Der Traum vom Fliegen

Felix Kraus

von Felix Kraus

Story

Was wird wohl einmal aus mir werden? Noch stehe ich auf sicherem Grund, meine Beinpaare klammern sich an die feste, warme Rinde meines Baumes. Ich bin geboren worden, aufgewachsen und habe gerade erst den Schutz meiner Kinderstube verlassen. Sie ist mir zu klein geworden und ich muss sie jetzt verlassen, so weh es auch tut, sie nun neben mir verrotten zu sehen. Aber ich bin nun draußen. An der frischen Luft. In der Freiheit. Nur – was nun?

Eine wunderschöne Aussicht liegt vor mir: Eine weite Landschaft moosbedeckter Erde, aus der sich wunderschöne, bunte Blüten emporstrecken, liegt tief unter meinem Ast. Mächtige Baumstämme ragen ebenfalls aus dieser Hügelebene in schwindelnde Höhen hinauf, in denen ich mich selbst befinde. Hier und da ziehen riesige, behaarte Körper an mir vorbei, so groß, dass sie mit ihren schweren Pfoten über die tiefe Moosdecke stapfen und dabei trotzdem auf mich hinabschauen. Ein unglaubliches Spektakel das alles! Aber das meiste davon ist gar nichts für mich. Die Blumen und Pflänzchen am Waldboden sind zwar schön, liegen aber viel zu weit unter mir und das Wesen dieser gigantischen Fellmonster liegt sowieso jenseits meiner Vorstellungskraft. Was mich bewegt, sind die vielen grünen, saftigen Blätter, die alles hier im Wald verkleiden – und die Schmetterlinge.

Anmutige, zarte Wesen sind das, nicht viel größer als ich, doch mit einem Flügelpaar, das sich weit von ihrem Körper erstreckt, wie ein viel zu langer, sich in vollem Umfang entfaltender Umhang mit den kunstvollsten Zeichnungen in kräftigen Farben, die den Blumen große Konkurrenz machen. Bei ihnen wird mir ganz anders als beim Anblick einer satten, grünen Baumkrone. Ich sehe ihnen zu, diesen lebendigen Farbexplosionen, die verspielt wie ein Kind unter dem weit weg liegenden Blätterdach durch die Luft tänzeln und dabei alle Waldbewohner tief in ihrer Seele berühren – und tief in mir rührt sich mehr als nur Bewunderung. Ein unbeugsamer Drang kommt in mir auf, ein drängender Wille, der, zart und stark zugleich wie ein junger Trieb, zu einem tiefen, inneren Wunsch heranwächst:

Ich will fliegen können wie ein Schmetterling!

Ich merke, wie ich, blind und berauscht, nur noch auf meine beiden hinteren Beinpaare gestützt, meinen langen Körper in die Luft emporgestreckt habe. Ich möchte es können, jetzt!

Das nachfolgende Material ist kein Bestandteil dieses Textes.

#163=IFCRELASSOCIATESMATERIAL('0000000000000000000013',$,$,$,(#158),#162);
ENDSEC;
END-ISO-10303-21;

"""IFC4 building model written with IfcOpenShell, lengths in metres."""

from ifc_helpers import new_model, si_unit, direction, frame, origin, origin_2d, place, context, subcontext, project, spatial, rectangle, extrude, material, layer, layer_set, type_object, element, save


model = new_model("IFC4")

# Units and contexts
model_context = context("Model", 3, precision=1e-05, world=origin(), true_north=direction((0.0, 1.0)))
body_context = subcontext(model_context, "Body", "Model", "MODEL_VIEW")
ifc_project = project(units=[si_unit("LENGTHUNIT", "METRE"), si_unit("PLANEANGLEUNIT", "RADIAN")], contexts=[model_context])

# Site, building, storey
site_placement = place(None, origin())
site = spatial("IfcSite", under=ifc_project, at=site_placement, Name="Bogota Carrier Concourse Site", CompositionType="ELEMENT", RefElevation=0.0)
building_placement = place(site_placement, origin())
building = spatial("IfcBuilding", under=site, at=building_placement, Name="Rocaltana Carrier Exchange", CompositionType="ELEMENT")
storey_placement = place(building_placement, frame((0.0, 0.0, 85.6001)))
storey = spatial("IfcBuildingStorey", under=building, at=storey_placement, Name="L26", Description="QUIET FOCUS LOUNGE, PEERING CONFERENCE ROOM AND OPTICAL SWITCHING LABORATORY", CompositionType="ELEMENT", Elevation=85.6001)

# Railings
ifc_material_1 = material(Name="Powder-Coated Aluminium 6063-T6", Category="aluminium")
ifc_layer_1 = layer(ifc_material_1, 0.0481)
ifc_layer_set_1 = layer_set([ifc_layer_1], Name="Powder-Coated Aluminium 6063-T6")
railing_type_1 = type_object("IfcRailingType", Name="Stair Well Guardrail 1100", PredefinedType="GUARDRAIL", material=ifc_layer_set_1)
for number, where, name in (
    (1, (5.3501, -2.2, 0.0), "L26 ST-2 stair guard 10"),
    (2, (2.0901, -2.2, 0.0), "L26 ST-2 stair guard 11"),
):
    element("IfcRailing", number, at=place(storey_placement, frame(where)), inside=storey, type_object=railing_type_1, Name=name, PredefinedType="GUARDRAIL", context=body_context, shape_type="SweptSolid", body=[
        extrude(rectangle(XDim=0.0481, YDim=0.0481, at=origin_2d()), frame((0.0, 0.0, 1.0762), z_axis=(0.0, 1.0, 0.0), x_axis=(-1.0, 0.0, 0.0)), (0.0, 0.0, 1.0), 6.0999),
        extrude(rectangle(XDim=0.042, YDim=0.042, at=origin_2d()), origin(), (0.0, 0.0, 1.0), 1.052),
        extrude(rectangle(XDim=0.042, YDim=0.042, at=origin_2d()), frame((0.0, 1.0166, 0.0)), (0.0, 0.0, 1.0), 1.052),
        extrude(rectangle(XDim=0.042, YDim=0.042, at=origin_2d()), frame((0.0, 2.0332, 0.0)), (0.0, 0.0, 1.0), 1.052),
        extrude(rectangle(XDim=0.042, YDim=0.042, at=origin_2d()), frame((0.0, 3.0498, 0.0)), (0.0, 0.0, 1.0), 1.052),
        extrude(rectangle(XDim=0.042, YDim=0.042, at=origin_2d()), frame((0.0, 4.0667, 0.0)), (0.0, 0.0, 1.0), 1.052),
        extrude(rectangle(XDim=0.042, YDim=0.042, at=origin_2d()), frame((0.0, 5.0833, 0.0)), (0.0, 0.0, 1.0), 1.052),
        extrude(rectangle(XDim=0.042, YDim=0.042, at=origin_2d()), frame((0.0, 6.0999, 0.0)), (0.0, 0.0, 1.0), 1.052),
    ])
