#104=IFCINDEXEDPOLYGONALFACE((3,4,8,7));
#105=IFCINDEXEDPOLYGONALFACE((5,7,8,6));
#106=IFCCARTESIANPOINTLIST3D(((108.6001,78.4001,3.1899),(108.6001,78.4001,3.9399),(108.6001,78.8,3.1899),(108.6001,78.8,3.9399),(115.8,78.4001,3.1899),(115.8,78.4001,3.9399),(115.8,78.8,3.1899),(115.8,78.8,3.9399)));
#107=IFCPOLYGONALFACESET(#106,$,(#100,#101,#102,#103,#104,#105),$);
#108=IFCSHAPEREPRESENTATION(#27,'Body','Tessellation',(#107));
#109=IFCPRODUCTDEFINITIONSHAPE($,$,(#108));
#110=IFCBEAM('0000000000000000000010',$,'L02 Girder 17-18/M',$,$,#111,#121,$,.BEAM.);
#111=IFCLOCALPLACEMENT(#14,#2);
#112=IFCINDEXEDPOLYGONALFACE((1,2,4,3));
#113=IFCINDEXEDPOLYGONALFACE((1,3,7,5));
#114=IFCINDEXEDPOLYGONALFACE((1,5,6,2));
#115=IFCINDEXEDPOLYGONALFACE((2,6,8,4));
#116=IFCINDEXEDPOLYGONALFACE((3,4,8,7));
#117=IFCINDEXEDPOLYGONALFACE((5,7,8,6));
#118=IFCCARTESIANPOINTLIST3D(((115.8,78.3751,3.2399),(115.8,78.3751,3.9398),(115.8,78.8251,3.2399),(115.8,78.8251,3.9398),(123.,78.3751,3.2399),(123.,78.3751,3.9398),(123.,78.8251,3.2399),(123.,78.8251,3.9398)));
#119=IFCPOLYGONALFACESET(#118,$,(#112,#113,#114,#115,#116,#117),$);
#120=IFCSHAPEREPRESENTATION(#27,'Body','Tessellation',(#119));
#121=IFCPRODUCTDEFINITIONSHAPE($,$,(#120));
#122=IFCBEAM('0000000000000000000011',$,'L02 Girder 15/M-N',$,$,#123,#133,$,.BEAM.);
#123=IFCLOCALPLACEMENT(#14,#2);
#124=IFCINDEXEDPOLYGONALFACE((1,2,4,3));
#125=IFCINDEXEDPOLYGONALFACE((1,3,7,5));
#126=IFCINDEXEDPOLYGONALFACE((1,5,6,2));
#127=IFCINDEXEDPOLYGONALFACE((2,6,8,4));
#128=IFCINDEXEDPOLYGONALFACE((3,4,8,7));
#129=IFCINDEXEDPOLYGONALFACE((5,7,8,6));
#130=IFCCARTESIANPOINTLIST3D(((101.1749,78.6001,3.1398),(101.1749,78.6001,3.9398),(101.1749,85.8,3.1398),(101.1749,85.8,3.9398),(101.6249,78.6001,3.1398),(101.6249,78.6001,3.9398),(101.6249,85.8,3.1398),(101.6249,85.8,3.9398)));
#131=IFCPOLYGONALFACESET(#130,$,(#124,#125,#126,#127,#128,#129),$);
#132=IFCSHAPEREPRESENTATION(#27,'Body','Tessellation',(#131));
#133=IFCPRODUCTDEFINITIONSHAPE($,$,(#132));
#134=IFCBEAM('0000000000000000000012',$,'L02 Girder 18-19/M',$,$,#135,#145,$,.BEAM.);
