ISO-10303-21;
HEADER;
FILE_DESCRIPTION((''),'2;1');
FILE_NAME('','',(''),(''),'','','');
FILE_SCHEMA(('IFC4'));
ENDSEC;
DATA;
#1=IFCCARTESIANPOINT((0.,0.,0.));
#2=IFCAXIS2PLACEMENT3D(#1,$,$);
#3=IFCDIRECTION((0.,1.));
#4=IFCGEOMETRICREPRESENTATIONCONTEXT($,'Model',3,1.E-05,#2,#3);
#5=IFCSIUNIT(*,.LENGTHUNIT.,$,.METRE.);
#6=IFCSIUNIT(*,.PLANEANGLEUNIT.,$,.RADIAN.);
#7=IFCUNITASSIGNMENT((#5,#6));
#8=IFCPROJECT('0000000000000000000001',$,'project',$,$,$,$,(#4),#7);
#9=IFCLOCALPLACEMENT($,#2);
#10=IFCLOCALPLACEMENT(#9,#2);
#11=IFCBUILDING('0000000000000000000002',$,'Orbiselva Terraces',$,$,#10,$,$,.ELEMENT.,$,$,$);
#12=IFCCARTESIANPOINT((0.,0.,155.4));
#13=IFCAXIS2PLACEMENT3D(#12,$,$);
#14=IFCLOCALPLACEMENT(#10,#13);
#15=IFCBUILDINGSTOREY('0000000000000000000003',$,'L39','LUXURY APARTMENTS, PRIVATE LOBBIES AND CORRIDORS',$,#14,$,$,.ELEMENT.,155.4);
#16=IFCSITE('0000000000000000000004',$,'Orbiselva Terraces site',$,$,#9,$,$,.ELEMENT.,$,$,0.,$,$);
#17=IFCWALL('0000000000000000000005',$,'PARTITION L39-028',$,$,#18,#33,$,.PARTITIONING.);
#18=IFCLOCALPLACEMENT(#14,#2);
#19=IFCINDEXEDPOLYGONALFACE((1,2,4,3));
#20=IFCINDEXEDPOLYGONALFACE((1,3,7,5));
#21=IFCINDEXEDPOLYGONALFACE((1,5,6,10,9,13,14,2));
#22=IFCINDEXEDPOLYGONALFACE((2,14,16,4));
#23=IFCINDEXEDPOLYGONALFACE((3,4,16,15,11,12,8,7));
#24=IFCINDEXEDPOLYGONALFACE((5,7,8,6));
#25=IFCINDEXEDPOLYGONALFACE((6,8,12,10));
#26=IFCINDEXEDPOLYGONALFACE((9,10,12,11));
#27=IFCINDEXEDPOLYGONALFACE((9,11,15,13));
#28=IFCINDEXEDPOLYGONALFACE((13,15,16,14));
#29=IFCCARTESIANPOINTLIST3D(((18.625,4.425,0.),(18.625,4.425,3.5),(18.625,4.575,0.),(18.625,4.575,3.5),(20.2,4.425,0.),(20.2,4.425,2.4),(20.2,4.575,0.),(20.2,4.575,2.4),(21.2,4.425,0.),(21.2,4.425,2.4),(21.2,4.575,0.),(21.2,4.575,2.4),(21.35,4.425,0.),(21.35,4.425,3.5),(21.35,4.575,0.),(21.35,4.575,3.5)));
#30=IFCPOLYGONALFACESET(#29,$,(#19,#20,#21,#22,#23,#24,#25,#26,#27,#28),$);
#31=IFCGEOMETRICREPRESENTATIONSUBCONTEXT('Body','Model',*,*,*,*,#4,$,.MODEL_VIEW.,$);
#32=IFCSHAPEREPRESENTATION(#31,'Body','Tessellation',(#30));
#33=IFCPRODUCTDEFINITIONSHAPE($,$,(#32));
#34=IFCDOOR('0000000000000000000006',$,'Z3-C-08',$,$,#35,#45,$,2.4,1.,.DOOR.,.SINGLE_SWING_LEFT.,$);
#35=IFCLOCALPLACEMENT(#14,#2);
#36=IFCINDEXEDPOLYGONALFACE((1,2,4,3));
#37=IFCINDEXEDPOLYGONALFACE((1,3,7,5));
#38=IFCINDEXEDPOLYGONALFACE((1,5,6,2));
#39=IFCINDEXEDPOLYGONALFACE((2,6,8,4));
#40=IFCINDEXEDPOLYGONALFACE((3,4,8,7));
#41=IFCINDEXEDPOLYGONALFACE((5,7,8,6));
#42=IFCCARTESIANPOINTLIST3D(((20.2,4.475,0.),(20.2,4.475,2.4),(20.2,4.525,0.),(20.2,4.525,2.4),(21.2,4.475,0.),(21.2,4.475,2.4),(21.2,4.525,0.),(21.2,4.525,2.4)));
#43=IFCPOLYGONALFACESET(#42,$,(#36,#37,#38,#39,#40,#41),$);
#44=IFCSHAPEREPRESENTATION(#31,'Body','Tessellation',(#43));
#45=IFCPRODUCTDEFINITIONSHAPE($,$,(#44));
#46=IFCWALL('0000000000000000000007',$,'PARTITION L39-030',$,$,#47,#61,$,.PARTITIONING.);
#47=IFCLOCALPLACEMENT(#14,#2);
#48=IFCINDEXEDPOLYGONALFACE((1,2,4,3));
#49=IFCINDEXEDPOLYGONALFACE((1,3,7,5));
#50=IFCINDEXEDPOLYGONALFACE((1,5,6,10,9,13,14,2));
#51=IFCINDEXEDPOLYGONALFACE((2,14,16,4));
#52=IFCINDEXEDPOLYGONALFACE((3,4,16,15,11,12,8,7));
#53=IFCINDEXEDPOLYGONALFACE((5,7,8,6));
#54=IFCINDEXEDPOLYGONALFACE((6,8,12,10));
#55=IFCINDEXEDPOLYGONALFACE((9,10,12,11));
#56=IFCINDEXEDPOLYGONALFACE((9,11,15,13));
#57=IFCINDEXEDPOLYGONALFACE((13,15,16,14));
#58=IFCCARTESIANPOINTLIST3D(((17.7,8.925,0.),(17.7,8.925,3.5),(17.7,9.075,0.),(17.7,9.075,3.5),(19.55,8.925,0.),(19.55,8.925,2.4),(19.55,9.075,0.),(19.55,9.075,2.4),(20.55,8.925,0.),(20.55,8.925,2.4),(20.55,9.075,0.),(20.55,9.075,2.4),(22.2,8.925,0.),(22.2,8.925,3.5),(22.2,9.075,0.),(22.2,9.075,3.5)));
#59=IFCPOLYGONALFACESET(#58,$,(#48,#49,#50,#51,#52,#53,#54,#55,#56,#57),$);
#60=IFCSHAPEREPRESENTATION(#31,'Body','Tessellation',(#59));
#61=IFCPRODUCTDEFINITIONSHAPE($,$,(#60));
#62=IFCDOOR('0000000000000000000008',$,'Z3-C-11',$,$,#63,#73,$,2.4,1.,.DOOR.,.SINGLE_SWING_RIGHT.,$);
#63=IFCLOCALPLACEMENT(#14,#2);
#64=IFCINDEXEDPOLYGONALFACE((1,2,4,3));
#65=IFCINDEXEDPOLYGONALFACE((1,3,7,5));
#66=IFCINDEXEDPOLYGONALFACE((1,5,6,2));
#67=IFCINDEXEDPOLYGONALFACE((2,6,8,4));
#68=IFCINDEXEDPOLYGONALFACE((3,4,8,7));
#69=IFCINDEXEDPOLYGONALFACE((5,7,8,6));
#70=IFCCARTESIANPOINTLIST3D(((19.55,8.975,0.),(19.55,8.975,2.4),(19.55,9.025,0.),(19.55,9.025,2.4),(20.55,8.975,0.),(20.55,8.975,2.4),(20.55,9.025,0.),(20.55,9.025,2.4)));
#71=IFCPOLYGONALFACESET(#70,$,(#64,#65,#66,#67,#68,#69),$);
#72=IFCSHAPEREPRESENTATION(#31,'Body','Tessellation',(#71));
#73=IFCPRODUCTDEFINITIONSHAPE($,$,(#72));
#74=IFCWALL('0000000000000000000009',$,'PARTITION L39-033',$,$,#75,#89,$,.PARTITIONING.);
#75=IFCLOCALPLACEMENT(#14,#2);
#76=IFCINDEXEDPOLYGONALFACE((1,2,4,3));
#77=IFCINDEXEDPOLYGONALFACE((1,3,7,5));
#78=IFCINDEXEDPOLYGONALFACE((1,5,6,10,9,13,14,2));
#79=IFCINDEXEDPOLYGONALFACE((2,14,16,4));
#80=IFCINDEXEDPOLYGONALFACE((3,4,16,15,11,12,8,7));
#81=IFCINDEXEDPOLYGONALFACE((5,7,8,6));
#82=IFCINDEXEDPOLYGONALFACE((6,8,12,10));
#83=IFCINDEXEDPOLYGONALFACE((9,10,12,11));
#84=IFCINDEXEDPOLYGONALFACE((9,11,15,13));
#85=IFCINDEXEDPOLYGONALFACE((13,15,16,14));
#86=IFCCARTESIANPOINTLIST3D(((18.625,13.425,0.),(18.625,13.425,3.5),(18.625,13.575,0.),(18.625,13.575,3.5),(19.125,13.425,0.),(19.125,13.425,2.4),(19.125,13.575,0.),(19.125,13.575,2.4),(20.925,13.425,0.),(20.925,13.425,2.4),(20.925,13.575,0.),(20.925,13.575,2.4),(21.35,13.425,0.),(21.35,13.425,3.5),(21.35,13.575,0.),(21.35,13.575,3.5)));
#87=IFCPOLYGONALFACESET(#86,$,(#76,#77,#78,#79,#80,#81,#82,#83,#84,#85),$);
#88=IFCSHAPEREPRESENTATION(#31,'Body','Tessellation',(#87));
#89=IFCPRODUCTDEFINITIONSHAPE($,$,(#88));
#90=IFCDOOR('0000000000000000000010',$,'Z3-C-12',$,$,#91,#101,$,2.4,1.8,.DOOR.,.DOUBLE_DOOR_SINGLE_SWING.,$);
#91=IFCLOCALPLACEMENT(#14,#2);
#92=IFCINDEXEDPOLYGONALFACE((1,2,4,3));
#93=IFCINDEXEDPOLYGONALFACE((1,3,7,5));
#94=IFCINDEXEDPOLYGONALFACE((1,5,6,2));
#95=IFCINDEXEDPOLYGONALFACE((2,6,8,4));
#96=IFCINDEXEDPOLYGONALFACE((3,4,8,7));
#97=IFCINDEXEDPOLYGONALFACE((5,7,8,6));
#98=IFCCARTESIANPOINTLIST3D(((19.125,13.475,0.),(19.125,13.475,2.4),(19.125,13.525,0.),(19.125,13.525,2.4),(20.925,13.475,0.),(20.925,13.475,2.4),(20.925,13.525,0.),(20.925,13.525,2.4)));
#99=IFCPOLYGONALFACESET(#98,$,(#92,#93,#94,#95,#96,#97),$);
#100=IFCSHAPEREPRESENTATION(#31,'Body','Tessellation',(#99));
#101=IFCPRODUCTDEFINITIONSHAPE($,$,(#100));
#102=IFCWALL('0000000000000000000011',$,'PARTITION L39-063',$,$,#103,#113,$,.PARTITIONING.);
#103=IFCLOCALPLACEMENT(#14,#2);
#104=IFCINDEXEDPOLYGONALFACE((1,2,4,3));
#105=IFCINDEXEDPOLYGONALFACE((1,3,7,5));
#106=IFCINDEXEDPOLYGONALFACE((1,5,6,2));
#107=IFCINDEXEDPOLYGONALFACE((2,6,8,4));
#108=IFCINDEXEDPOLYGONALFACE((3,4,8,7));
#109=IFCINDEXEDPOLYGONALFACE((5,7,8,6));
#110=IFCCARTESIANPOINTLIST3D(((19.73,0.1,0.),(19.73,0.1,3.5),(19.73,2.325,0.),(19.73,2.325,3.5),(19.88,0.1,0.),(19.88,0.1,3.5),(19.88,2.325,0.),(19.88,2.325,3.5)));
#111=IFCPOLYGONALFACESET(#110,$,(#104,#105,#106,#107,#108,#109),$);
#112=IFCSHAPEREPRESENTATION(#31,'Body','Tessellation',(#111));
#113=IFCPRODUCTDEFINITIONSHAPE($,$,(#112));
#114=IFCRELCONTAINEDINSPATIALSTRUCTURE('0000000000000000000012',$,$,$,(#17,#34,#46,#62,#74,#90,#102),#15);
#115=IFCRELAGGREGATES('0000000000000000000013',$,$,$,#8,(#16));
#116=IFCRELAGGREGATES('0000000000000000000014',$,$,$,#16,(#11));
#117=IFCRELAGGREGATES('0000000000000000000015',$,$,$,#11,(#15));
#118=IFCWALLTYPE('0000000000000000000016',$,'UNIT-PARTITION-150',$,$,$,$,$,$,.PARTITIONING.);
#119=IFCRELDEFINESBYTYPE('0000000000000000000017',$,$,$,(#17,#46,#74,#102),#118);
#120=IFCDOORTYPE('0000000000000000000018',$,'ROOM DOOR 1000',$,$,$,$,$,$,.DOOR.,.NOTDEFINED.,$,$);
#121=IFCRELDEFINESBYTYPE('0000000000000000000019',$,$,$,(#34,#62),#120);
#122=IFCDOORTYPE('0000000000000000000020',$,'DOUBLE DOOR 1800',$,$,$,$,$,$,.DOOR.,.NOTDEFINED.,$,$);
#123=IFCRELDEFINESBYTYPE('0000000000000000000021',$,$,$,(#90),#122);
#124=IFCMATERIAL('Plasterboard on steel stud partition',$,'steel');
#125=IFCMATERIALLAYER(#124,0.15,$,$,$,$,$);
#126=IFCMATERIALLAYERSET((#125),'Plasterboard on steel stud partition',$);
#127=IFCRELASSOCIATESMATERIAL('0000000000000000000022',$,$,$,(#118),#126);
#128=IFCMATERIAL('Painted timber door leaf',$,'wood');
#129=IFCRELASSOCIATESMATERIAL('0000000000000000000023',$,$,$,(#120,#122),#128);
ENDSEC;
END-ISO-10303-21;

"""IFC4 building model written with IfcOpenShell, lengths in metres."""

from ifc_helpers import new_model, si_unit, direction, frame, frame_2d, origin, place, context, subcontext, project, spatial, rectangle, extrude, material, layer, layer_set, type_object, element, fill, save


model = new_model("IFC4")

# Units and contexts
model_context = context("Model", 3, precision=1e-05, world=origin(), true_north=direction((0.0, 1.0)))
body_context = subcontext(model_context, "Body", "Model", "MODEL_VIEW")
ifc_project = project(units=[si_unit("LENGTHUNIT", "METRE"), si_unit("PLANEANGLEUNIT", "RADIAN")], contexts=[model_context])

# Site, building, storey
site_placement = place(None, origin())
site = spatial("IfcSite", under=ifc_project, at=site_placement, Name="Orbiselva Terraces site", CompositionType="ELEMENT", RefElevation=0.0)
building_placement = place(site_placement, origin())
building = spatial("IfcBuilding", under=site, at=building_placement, Name="Orbiselva Terraces", CompositionType="ELEMENT")
storey_placement = place(building_placement, frame((0.0, 0.0, 155.4)))
storey = spatial("IfcBuildingStorey", under=building, at=storey_placement, Name="L39", Description="LUXURY APARTMENTS, PRIVATE LOBBIES AND CORRIDORS", CompositionType="ELEMENT", Elevation=155.4)

# Walls, openings, doors
ifc_material_1 = material(Name="Plasterboard on steel stud partition", Category="steel")
ifc_material_2 = material(Name="Painted timber door leaf", Category="wood")
ifc_layer_1 = layer(ifc_material_1, 0.15)
ifc_layer_set_1 = layer_set([ifc_layer_1], Name="Plasterboard on steel stud partition")
wall_type_1 = type_object("IfcWallType", Name="UNIT-PARTITION-150", PredefinedType="PARTITIONING", material=ifc_layer_set_1)
wall_1_placement = place(storey_placement, frame((21.35, 4.5, 0.0), z_axis=(0.0, 0.0, 1.0), x_axis=(-1.0, 0.0, 0.0)))
wall_1 = element("IfcWall", 1, at=wall_1_placement, inside=storey, type_object=wall_type_1, Name="PARTITION L39-028", PredefinedType="PARTITIONING", context=body_context, shape_type="SweptSolid", body=[
    extrude(rectangle(XDim=2.725, YDim=0.15, at=frame_2d((1.3625, 0.0))), origin(), (0.0, 0.0, 1.0), 3.5),
])
opening_1_placement = place(wall_1_placement, frame((0.15, 0.0, 0.0)))
opening_1 = element("IfcOpeningElement", 2, at=opening_1_placement, cuts=wall_1, PredefinedType="OPENING", context=body_context, shape_type="SweptSolid", body=[
    extrude(rectangle(XDim=1.0, YDim=2.4, at=frame_2d((0.5, 1.2))), frame((0.0, 0.085, 0.0), z_axis=(0.0, -1.0, 0.0), x_axis=(1.0, 0.0, 0.0)), (0.0, 0.0, 1.0), 0.17),
])
door_type_1 = type_object("IfcDoorType", Name="ROOM DOOR 1000", OperationType="NOTDEFINED", PredefinedType="DOOR", material=ifc_material_2)
door_1_placement = place(opening_1_placement, origin())
door_1 = element("IfcDoor", 3, at=door_1_placement, inside=storey, type_object=door_type_1, Name="Z3-C-08", OperationType="SINGLE_SWING_LEFT", OverallHeight=2.4, OverallWidth=1.0, PredefinedType="DOOR", context=body_context, shape_type="SweptSolid", body=[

Doch etwas stimmt nicht. Wenn ich den Schmetterlingen so zusehe, muss ich erkennen: Der Weg dorthin ist lang, sehr lang, denn ich bin momentan noch weit davon entfernt, fliegen zu können. Ich würde in die Tiefe stürzen, wenn ich es jetzt probierte. Und doch regt sich eine Art Zuversicht in mir.

Ob Raupen wie ich überhaupt zu Schmetterlingen werden können? Ist das möglich? Diese sehen jedenfalls nicht so aus, als wären sie einst Raupen gewesen. Aber ich werde es versuchen!

Ich bleibe zwar erst einmal am sicheren Grund der Baumrinde und werde so viele Blätter fressen, wie ich nur kann. Dann aber wird meine Zeit kommen.

Und ich werde mich in die Luft erheben.